UMC's bigger rivals are Taiwan Semiconductor Manufacturing Co., and U.S.-based Globalfoundries. Its clients include Qualcomm, MediaTek, Novatek, Rockchip, Allwinner Technology, among others. It held around 9% of the global foundry market in the first half of 2018, according to Taiwan-based Topology Research Institute. China's state-sponsored Semiconductor Manufacturing International Corp., with a market share of nearly 6%, is UMC's biggest challenger.

Lin Jian-Hong, an analyst at Topology Research Institute, said: "To add Chinese color is important to UMC and other second-tier chip companies as they want to look more local and to secure more orders from booming Chinese clients. Otherwise, Chinese chip designers might turn to their domestic chip manufacturers instead in the long term."

UMC's move to foster closer ties with China isn't unique among Taiwanese tech companies, despite the souring of relations between China and the self-ruled island considered by Beijing to be a renegade province after the election of pro-democracy President Tsai Ing-Wen in 2016. Tsai's Democratic Progressive Party has traditionally supported independence for Taiwan.

Previously, Taiwanese companies sold stakes in their subsidiaries in China to local investors and formed joint ventures to boost relations. Chip packaging and testing companies ChipMOS Technologies and Siliconware Precision Industries both sold shares in their China factories while Lite-On Technology, an electronic parts maker, created a joint venture with Beijing-backed Tsinghua Unigroup to assemble storage products.

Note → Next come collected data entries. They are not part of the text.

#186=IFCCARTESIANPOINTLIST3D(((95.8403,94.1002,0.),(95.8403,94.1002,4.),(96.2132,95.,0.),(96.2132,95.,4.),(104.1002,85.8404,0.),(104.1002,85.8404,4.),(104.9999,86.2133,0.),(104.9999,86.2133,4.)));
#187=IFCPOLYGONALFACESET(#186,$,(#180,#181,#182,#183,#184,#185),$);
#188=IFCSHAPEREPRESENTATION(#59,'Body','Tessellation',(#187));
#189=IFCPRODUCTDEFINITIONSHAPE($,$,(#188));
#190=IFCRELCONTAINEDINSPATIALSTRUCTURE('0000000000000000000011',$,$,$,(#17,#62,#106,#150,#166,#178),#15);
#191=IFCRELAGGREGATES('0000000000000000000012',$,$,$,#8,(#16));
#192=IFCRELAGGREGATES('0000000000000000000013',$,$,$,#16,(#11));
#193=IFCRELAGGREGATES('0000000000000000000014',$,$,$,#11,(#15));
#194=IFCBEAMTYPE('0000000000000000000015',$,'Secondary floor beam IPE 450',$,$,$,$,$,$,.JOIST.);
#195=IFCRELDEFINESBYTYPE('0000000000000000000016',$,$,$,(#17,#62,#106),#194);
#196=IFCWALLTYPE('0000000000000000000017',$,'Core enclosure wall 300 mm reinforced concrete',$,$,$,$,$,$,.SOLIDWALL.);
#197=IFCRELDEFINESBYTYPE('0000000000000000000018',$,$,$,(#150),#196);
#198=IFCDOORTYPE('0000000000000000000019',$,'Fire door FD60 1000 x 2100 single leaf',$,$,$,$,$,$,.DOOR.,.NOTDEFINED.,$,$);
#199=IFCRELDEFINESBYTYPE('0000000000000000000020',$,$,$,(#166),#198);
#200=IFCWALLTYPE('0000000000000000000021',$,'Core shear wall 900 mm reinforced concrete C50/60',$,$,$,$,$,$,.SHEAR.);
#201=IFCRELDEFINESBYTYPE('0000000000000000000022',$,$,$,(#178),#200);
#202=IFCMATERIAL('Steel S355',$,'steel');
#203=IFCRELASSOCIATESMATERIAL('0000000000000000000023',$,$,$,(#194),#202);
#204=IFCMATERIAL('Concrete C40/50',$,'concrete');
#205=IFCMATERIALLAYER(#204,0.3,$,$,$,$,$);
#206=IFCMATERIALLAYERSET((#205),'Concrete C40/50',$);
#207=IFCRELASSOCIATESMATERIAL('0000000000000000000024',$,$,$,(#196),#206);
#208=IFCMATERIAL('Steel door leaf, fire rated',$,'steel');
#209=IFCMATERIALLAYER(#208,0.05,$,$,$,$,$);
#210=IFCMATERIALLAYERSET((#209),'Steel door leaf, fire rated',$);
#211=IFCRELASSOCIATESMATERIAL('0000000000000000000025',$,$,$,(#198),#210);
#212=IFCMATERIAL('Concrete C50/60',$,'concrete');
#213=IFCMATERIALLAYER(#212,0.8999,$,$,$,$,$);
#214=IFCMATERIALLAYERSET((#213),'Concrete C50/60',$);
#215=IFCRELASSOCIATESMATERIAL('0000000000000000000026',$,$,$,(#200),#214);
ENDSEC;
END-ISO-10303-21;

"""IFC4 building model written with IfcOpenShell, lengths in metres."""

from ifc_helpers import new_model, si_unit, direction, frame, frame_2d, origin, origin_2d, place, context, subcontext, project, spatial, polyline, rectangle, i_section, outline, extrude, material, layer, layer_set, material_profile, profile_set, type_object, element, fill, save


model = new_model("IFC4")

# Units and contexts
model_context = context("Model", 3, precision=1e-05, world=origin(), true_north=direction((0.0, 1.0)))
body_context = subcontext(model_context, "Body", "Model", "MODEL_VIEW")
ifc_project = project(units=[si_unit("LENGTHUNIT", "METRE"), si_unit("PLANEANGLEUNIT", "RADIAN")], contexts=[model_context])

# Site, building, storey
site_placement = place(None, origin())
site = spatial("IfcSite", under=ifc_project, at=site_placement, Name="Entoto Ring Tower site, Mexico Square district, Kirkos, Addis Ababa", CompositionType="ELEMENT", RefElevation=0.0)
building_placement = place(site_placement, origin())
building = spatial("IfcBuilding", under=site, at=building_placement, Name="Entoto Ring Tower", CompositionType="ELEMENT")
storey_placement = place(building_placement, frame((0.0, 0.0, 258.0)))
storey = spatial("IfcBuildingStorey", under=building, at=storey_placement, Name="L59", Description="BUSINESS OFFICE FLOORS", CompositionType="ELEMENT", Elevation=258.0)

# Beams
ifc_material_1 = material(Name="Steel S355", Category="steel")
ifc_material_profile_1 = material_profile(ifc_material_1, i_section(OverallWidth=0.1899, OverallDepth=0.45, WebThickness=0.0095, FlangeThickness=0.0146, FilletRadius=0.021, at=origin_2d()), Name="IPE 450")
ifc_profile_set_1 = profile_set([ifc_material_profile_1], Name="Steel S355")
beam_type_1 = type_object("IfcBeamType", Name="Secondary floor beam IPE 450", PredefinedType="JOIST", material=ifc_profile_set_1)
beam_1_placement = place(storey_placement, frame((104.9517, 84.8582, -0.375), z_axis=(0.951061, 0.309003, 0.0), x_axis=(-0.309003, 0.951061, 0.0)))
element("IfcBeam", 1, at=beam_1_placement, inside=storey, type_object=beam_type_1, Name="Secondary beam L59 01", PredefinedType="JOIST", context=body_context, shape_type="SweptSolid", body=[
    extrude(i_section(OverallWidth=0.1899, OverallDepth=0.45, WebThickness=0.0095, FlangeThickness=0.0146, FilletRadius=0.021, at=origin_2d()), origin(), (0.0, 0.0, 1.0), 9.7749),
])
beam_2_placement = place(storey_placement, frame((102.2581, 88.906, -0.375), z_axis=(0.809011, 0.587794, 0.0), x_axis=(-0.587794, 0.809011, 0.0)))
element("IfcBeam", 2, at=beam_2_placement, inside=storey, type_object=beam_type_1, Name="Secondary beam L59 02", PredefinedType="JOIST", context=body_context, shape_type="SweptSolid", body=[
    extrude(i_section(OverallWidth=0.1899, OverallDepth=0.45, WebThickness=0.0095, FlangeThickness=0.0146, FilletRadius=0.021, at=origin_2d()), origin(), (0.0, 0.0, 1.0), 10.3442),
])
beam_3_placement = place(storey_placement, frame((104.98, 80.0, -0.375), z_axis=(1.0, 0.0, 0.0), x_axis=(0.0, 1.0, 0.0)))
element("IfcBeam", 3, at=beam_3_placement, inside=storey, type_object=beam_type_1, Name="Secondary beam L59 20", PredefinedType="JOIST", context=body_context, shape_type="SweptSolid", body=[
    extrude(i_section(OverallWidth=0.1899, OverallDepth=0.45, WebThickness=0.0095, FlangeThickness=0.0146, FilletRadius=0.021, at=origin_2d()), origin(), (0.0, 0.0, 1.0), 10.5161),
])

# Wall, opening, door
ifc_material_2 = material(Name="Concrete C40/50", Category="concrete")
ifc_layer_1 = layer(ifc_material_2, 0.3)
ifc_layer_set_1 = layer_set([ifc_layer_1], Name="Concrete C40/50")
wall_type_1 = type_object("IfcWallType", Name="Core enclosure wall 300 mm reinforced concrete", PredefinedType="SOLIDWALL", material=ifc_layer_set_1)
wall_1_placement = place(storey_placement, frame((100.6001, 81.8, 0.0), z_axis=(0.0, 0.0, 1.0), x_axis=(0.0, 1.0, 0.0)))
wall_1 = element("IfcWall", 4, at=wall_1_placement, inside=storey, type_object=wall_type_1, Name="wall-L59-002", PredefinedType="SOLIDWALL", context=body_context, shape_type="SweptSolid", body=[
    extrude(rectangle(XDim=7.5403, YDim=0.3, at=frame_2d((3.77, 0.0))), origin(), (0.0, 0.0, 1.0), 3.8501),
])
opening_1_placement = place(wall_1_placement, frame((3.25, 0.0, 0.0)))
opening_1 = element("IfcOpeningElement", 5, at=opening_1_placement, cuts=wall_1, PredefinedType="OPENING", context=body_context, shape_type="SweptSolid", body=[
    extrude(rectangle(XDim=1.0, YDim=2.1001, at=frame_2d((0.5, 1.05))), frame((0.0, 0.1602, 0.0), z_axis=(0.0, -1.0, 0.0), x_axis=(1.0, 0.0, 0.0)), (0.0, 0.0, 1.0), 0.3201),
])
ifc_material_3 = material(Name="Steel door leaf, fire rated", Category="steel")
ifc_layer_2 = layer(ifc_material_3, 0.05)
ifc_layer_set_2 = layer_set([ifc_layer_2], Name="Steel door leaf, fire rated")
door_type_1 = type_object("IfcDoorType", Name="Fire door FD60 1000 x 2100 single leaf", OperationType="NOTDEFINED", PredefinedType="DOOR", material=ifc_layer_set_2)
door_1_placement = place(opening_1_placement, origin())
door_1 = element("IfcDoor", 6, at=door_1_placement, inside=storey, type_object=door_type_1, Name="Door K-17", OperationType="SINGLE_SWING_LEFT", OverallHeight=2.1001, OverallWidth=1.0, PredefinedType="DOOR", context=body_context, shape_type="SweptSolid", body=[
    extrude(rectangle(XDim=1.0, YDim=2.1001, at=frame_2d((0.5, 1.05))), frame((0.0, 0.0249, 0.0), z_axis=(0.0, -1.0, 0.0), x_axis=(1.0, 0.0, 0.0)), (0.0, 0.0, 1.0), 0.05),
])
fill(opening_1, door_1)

Such moves do not require regulatory approval from Taiwan.

ASE Industrial Holding, the world's top chip testing and packaging house, said that it would not rule out any possibility of increasing participation in China's capital market. The company listed its unit that produces electronics parts, Universal Scientific Industrial, in Shanghai in 2012.

On June 8, major iPhone assembler Foxconn Technology Group, formally known as Hon Hai Precision Industry, spun off its unit Foxconn Industrial Internet on the Shanghai Stock Exchange. A subsidiary of Foxconn's print circuit board unit, Zhen Ding Technology, also filed late last year to list in Shenzhen.

Other Taiwanese companies are also seeking higher valuations and easier access to capital in China. Namchou Group, a food conglomerate, has submitted an application to list in Shanghai, while Giant Manufacturing, the world's No. 1 bicycle maker, said it was considering listing its Chinese unit.

Hadrien Chiu, a partner at accountancy firm PricewaterhouseCoopers Taiwan, said there has been an increase in companies seeking advice this year about listing on Chinese stock markets, mainly because investors in China can tolerate high valuations for stocks.

"With funding and easier access to capital, Taiwanese companies can expand operations or factories in China, gain more business from Chinese customers and attract more high-end talent with competitive salary packages," said Chiu. "However, it can also mean a long process of application if a company cannot receive fast-track approval, like Foxconn's unit or battery maker Contemporary Amperex Technology."